Being me Jesus Workin' for a living

Whining in the wilderness

There are lots of stories in the Bible that pretty much blow me away. I was listening to a teaching a few weeks ago, and the pastor cited a story about the prophet Elisha. Apparently, according to 2 Kings 2, when a bunch of local boys were making fun of Elisha for being bald, Elisha called down a curse on them and two bears came out of the woods. And ATE. THEM.

Seriously. That ain’t something I saw on the flannel boards in Sunday School.

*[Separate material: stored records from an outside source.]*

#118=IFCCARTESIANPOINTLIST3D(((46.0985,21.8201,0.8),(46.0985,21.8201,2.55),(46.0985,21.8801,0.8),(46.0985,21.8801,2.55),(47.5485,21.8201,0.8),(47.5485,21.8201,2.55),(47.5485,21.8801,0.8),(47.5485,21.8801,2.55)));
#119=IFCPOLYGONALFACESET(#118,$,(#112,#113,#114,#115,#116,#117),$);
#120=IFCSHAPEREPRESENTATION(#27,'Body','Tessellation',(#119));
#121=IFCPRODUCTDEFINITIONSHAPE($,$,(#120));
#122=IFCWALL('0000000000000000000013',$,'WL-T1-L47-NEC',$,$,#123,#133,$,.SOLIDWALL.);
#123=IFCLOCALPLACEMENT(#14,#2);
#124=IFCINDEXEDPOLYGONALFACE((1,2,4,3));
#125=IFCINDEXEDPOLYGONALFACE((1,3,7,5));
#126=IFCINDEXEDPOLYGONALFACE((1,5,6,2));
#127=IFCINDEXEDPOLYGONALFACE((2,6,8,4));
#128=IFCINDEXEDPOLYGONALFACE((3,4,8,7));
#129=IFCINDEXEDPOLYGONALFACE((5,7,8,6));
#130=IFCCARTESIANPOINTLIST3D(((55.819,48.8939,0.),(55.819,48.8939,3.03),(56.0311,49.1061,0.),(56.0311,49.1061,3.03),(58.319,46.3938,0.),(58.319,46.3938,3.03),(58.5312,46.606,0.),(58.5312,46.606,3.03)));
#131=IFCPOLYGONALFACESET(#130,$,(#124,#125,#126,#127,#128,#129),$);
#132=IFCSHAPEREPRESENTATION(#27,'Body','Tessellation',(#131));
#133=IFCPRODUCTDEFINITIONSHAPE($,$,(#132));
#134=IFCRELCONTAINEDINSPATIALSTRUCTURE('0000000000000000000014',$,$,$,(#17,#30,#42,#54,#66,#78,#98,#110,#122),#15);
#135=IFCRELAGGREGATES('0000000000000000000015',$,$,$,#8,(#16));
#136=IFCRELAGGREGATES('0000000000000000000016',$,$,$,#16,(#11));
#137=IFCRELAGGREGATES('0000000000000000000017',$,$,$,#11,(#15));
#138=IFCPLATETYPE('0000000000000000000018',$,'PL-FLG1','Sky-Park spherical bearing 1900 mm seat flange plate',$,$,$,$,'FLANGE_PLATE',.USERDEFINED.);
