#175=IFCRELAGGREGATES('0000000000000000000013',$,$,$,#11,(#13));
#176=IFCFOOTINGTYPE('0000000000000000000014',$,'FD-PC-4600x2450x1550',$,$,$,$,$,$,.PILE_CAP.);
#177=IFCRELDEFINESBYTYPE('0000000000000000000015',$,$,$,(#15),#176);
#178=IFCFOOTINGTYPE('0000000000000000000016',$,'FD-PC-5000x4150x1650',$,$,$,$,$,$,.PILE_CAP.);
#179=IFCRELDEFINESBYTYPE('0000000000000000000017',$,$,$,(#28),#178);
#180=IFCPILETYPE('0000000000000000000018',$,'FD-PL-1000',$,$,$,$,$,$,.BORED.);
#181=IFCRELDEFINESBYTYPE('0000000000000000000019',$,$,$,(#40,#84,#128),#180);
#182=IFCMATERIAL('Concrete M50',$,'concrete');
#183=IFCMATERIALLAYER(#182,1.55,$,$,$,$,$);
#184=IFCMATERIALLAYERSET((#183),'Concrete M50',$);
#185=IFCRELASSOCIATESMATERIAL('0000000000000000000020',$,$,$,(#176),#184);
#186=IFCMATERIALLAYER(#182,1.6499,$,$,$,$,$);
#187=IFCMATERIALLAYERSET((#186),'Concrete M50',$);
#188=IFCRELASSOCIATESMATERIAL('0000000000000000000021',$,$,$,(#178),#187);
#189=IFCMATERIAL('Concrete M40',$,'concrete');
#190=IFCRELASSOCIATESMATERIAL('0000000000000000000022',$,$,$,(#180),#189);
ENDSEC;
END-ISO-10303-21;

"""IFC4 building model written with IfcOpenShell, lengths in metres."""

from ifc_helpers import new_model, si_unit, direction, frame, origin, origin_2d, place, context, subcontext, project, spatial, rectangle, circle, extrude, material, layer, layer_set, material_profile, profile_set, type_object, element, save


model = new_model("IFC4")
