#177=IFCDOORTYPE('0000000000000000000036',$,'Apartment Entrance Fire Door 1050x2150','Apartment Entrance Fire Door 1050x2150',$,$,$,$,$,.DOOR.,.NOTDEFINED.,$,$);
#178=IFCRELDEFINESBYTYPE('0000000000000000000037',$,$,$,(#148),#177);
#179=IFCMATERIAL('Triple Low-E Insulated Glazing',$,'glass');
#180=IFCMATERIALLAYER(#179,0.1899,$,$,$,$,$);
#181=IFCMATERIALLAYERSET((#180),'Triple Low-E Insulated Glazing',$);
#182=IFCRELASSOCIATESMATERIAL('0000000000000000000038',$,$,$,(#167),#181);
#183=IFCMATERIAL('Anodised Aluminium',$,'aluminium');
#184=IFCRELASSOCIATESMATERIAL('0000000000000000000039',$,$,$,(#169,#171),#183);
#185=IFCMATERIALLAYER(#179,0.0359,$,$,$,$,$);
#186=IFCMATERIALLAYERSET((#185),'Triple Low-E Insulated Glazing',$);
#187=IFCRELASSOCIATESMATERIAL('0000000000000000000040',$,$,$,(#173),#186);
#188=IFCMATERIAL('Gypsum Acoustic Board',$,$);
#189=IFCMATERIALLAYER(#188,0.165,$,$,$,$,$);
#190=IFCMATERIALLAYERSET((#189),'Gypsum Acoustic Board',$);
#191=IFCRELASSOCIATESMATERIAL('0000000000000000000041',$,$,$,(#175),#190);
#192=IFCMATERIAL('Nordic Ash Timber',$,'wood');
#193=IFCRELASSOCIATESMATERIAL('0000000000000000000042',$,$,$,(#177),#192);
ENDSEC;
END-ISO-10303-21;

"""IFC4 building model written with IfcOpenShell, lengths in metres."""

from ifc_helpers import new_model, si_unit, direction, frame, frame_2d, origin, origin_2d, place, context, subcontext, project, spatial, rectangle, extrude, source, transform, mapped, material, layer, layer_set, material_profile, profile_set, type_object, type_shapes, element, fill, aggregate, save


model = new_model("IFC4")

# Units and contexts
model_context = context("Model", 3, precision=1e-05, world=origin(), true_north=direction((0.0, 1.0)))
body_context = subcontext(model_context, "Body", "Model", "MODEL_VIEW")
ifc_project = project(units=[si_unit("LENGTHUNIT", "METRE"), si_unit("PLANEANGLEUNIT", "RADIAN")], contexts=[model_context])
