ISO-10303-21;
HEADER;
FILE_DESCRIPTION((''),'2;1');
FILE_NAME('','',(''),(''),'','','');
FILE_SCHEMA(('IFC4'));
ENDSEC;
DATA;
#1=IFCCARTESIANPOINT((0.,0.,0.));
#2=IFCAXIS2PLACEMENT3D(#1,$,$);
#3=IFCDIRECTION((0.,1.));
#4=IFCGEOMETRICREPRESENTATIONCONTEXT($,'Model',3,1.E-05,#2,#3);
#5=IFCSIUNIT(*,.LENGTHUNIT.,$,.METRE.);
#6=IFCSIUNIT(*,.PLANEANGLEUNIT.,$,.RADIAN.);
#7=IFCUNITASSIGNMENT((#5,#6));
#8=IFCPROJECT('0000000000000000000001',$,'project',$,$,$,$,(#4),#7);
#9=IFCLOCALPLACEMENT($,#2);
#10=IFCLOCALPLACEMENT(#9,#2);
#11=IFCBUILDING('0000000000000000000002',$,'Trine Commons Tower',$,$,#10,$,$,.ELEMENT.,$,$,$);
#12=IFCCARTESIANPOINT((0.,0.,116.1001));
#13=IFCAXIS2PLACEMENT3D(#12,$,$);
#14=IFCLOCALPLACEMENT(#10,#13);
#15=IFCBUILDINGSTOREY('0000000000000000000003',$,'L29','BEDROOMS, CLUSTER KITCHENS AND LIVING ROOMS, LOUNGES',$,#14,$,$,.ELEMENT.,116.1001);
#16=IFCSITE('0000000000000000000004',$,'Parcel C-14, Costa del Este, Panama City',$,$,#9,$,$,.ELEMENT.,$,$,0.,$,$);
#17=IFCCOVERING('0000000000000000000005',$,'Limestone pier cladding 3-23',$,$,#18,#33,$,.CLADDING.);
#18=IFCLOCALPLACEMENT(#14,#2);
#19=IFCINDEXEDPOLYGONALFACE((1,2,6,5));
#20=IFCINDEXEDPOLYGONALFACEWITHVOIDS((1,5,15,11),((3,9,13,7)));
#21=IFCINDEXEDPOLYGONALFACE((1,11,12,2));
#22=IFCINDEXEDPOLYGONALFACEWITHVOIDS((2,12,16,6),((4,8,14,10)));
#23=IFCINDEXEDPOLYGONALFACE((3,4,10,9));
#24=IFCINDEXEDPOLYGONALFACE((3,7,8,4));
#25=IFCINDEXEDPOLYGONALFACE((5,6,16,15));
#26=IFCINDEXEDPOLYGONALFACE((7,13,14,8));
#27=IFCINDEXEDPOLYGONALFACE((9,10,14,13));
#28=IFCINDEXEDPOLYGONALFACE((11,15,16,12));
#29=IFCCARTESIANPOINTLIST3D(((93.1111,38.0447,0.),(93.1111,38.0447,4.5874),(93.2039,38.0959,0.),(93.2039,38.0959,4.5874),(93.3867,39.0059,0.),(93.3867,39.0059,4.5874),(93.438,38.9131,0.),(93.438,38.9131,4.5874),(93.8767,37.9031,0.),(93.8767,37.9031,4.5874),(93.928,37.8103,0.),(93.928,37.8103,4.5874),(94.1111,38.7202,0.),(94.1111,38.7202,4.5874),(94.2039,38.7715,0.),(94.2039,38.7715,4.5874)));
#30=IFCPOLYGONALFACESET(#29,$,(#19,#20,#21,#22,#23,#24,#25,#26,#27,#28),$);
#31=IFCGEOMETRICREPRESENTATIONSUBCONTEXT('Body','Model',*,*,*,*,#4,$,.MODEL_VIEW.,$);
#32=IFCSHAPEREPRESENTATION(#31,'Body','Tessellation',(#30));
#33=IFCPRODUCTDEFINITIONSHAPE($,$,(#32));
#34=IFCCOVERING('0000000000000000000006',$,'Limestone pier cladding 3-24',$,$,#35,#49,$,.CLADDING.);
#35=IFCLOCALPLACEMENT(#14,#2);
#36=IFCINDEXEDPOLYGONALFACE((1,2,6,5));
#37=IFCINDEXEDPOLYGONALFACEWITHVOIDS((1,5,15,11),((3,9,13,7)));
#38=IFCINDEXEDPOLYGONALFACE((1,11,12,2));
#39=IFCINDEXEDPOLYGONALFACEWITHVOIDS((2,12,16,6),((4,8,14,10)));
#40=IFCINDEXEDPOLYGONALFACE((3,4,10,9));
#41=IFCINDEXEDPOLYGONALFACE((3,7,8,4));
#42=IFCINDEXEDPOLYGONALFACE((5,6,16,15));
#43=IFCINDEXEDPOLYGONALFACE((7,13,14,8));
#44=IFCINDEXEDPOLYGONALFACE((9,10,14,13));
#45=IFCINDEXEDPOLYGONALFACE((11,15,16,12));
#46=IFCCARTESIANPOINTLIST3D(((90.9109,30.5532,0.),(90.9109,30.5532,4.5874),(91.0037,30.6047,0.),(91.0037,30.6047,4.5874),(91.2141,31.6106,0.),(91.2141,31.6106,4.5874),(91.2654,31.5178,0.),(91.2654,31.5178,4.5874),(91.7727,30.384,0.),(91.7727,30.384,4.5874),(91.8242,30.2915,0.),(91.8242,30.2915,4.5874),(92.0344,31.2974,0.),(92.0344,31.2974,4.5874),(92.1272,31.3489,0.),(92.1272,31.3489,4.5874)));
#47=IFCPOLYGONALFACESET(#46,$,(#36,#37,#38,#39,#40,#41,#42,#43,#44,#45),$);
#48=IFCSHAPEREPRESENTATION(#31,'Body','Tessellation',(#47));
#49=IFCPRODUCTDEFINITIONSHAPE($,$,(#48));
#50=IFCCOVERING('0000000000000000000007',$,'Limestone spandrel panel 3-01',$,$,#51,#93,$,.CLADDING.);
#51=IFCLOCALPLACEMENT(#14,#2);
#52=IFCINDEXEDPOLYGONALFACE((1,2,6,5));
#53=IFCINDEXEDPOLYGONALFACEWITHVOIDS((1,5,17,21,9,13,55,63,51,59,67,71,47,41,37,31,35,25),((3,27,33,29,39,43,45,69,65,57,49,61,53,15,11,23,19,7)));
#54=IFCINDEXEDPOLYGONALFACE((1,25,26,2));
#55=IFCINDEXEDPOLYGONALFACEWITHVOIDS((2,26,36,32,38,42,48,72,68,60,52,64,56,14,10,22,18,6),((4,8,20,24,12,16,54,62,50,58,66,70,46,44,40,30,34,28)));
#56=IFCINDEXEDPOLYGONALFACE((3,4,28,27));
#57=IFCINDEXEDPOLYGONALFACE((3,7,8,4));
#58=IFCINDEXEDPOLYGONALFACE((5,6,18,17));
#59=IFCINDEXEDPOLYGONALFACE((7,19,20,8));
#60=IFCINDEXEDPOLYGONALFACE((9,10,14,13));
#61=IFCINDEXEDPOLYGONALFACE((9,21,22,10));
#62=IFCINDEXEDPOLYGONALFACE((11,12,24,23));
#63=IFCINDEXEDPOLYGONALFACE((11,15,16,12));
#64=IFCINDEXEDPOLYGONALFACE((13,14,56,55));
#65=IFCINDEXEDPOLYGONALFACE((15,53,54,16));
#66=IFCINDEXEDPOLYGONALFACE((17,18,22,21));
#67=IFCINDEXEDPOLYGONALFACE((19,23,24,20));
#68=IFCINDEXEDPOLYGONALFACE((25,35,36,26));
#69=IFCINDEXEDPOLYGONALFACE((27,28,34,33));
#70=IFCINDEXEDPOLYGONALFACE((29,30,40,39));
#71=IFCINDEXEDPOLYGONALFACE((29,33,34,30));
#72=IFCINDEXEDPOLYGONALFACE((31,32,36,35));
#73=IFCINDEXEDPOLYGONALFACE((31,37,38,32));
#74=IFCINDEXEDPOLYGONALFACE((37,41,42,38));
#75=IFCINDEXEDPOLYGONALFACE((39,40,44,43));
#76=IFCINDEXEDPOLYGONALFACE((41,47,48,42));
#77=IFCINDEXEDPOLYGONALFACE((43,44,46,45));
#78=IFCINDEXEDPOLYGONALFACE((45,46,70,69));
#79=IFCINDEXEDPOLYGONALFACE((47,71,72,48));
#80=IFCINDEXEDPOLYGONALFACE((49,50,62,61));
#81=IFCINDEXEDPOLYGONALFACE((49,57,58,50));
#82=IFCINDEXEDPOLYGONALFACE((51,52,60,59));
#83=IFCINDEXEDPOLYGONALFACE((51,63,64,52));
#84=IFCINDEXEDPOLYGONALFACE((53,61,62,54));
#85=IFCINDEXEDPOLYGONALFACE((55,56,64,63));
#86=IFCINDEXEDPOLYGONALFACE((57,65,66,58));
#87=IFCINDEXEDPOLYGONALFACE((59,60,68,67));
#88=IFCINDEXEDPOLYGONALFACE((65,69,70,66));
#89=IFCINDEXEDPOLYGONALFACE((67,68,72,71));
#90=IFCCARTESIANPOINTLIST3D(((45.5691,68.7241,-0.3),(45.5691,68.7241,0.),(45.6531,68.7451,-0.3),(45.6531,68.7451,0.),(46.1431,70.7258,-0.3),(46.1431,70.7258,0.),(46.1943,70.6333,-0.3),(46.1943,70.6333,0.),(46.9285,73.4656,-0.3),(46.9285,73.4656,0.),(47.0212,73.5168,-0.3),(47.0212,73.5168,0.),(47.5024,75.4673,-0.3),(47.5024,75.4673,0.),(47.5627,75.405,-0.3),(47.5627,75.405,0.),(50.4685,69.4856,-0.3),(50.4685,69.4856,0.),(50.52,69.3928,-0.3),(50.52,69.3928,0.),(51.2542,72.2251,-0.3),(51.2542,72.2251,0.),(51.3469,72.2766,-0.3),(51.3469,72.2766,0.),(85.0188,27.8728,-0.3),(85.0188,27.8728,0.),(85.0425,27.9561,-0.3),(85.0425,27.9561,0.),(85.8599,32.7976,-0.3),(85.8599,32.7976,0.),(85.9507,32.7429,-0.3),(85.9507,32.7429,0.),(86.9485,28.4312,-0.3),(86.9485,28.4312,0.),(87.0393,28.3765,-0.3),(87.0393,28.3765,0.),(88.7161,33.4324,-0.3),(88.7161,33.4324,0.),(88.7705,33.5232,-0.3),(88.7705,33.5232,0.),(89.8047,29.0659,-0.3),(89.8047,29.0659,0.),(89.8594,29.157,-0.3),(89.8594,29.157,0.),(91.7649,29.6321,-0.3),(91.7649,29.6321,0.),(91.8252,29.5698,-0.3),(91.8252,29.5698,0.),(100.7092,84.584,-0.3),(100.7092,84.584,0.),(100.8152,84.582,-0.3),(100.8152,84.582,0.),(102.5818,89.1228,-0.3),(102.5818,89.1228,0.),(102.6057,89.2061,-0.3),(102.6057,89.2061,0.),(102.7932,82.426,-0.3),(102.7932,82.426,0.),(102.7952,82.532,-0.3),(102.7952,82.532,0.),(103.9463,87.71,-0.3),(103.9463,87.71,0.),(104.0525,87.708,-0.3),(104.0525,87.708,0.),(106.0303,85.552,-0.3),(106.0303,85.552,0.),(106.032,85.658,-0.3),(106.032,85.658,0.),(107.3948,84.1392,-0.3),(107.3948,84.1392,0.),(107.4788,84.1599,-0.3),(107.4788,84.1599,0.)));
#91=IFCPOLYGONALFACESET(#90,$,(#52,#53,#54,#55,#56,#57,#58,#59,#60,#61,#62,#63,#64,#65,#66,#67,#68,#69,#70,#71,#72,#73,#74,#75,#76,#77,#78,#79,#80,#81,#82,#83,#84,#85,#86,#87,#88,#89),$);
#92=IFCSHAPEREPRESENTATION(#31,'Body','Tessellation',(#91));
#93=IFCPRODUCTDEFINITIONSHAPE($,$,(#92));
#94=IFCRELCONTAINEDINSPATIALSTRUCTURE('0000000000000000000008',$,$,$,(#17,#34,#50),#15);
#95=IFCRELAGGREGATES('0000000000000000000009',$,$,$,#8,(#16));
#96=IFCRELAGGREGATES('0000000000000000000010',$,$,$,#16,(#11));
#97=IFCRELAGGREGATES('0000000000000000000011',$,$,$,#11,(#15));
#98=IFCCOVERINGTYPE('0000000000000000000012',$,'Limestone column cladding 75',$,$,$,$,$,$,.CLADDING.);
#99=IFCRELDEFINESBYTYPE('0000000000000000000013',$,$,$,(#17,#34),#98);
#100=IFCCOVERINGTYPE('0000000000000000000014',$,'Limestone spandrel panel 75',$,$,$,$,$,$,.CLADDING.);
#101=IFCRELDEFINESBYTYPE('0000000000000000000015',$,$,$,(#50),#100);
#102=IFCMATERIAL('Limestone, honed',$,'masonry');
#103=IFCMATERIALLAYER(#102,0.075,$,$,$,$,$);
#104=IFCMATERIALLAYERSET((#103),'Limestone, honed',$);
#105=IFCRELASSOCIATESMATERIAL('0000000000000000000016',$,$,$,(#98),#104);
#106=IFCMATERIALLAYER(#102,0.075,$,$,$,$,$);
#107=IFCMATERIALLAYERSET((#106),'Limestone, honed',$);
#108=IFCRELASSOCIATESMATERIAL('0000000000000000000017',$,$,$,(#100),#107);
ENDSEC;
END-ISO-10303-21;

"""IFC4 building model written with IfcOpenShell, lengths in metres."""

from ifc_helpers import new_model, si_unit, direction, frame, origin, place, context, subcontext, project, spatial, polyline, outline, extrude, material, layer, layer_set, type_object, element, save


model = new_model("IFC4")

# Units and contexts
model_context = context("Model", 3, precision=1e-05, world=origin(), true_north=direction((0.0, 1.0)))
body_context = subcontext(model_context, "Body", "Model", "MODEL_VIEW")
ifc_project = project(units=[si_unit("LENGTHUNIT", "METRE"), si_unit("PLANEANGLEUNIT", "RADIAN")], contexts=[model_context])

# Site, building, storey
site_placement = place(None, origin())
site = spatial("IfcSite", under=ifc_project, at=site_placement, Name="Parcel C-14, Costa del Este, Panama City", CompositionType="ELEMENT", RefElevation=0.0)
building_placement = place(site_placement, origin())
building = spatial("IfcBuilding", under=site, at=building_placement, Name="Trine Commons Tower", CompositionType="ELEMENT")
storey_placement = place(building_placement, frame((0.0, 0.0, 116.1001)))
storey = spatial("IfcBuildingStorey", under=building, at=storey_placement, Name="L29", Description="BEDROOMS, CLUSTER KITCHENS AND LIVING ROOMS, LOUNGES", CompositionType="ELEMENT", Elevation=116.1001)

# Coverings
ifc_material_1 = material(Name="Limestone, honed", Category="masonry")
ifc_layer_1 = layer(ifc_material_1, 0.075)
ifc_layer_set_1 = layer_set([ifc_layer_1], Name="Limestone, honed")
covering_type_1 = type_object("IfcCoveringType", Name="Limestone column cladding 75", PredefinedType="CLADDING", material=ifc_layer_set_1)
covering_1_placement = place(storey_placement, origin())
element("IfcCovering", 1, at=covering_1_placement, inside=storey, type_object=covering_type_1, Name="Limestone pier cladding 3-23", PredefinedType="CLADDING", context=body_context, shape_type="SweptSolid", body=[
    extrude(outline(polyline([(94.2039, 38.7715), (93.3867, 39.0059), (93.1111, 38.0447), (93.928, 37.8103), (94.2039, 38.7715)]), holes=[polyline([(94.1111, 38.7202), (93.438, 38.9131), (93.2039, 38.0959), (93.8767, 37.9031), (94.1111, 38.7202)])]), origin(), (0.0, 0.0, 1.0), 4.5874),
])
covering_2_placement = place(storey_placement, origin())
element("IfcCovering", 2, at=covering_2_placement, inside=storey, type_object=covering_type_1, Name="Limestone pier cladding 3-24", PredefinedType="CLADDING", context=body_context, shape_type="SweptSolid", body=[
    extrude(outline(polyline([(92.1272, 31.3489), (91.2141, 31.6106), (90.9109, 30.5532), (91.8242, 30.2915), (92.1272, 31.3489)]), holes=[polyline([(92.0344, 31.2974), (91.2654, 31.5178), (91.0037, 30.6047), (91.7727, 30.384), (92.0344, 31.2974)])]), origin(), (0.0, 0.0, 1.0), 4.5874),
])
ifc_layer_2 = layer(ifc_material_1, 0.075)
ifc_layer_set_2 = layer_set([ifc_layer_2], Name="Limestone, honed")
covering_type_2 = type_object("IfcCoveringType", Name="Limestone spandrel panel 75", PredefinedType="CLADDING", material=ifc_layer_set_2)
covering_3_placement = place(storey_placement, frame((0.0, 0.0, -0.3)))
element("IfcCovering", 3, at=covering_3_placement, inside=storey, type_object=covering_type_2, Name="Limestone spandrel panel 3-01", PredefinedType="CLADDING", context=body_context, shape_type="SweptSolid", body=[
    extrude(outline(polyline([(88.7161, 33.4324), (89.8047, 29.0659), (91.8252, 29.5698), (107.4788, 84.1599), (106.032, 85.658), (102.7952, 82.532), (100.8152, 84.582), (104.0525, 87.708), (102.6057, 89.2061), (47.5024, 75.4673), (46.9285, 73.4656), (51.2542, 72.2251), (50.4685, 69.4856), (46.1431, 70.7258), (45.5691, 68.7241), (85.0188, 27.8728), (87.0393, 28.3765), (85.9507, 32.7429), (88.7161, 33.4324)]), holes=[polyline([(106.0303, 85.552), (107.3948, 84.1392), (91.7649, 29.6321), (89.8594, 29.157), (88.7705, 33.5232), (85.8599, 32.7976), (86.9485, 28.4312), (85.0425, 27.9561), (45.6531, 68.7451), (46.1943, 70.6333), (50.52, 69.3928), (51.3469, 72.2766), (47.0212, 73.5168), (47.5627, 75.405), (102.5818, 89.1228), (103.9463, 87.71), (100.7092, 84.584), (102.7932, 82.426), (106.0303, 85.552)])]), origin(), (0.0, 0.0, 1.0), 0.3),
])

save(model, "model.ifc")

And then there’s the story of the exodus of the Israelites out of slavery in Egypt. God, through Moses, had done all kinds of crazy miracles to show Pharaoh that He (God) was really in charge, and the Israelites had just walked through the Red Sea that God parted for them. Hollywood blockbuster type stuff, right? Things you’d never forget, right?

But they did.

And I have.

The Israelites were walking through the desert, making their way to the Promised Land, and like lots of us they got hot, hungry and tired. Exodus 16 tells the story of how the Israelites started whining that they were running out of food, and that things would have been better off for them if they’d stayed in Egypt. Even though God had promised to provide for them, and even rained down bread from Heaven, these folks thought life in slavery would be better.

And I’ve done the same.

I caught myself doing it just the other day. I was sitting down with my spreadsheets, trying to figure out how to come up with the money for my self-employment taxes, and caught myself whining to God about my situation. And the absurdity of it all struck me.

I have to pay income taxes – which means I have income. I left a job that made me feel incompetent and afraid, with no idea what I was going to do next, and I found work that I really love and am doing on my own terms.

And I’m whining about it.

Even though God has always – always! – come through for me, I’m wondering now if He’s gonna do it again. Just because my spreadsheet says I’m going to owe the government money. Like I’ve totally forgotten all the incredible ways He’s provided for me in the last decade.

I’m whining in the wilderness. And I’m not even in the wilderness anymore – I really think I’m on my way to my own Promised Land.

Sorry, Lord.

1 thought on “Whining in the wilderness”

  1. Thanks for the virtual kick in the pants. Why DO we whine in the “wilderness”? Sometimes, I hate us. Always, I’m thankful He doesn’t.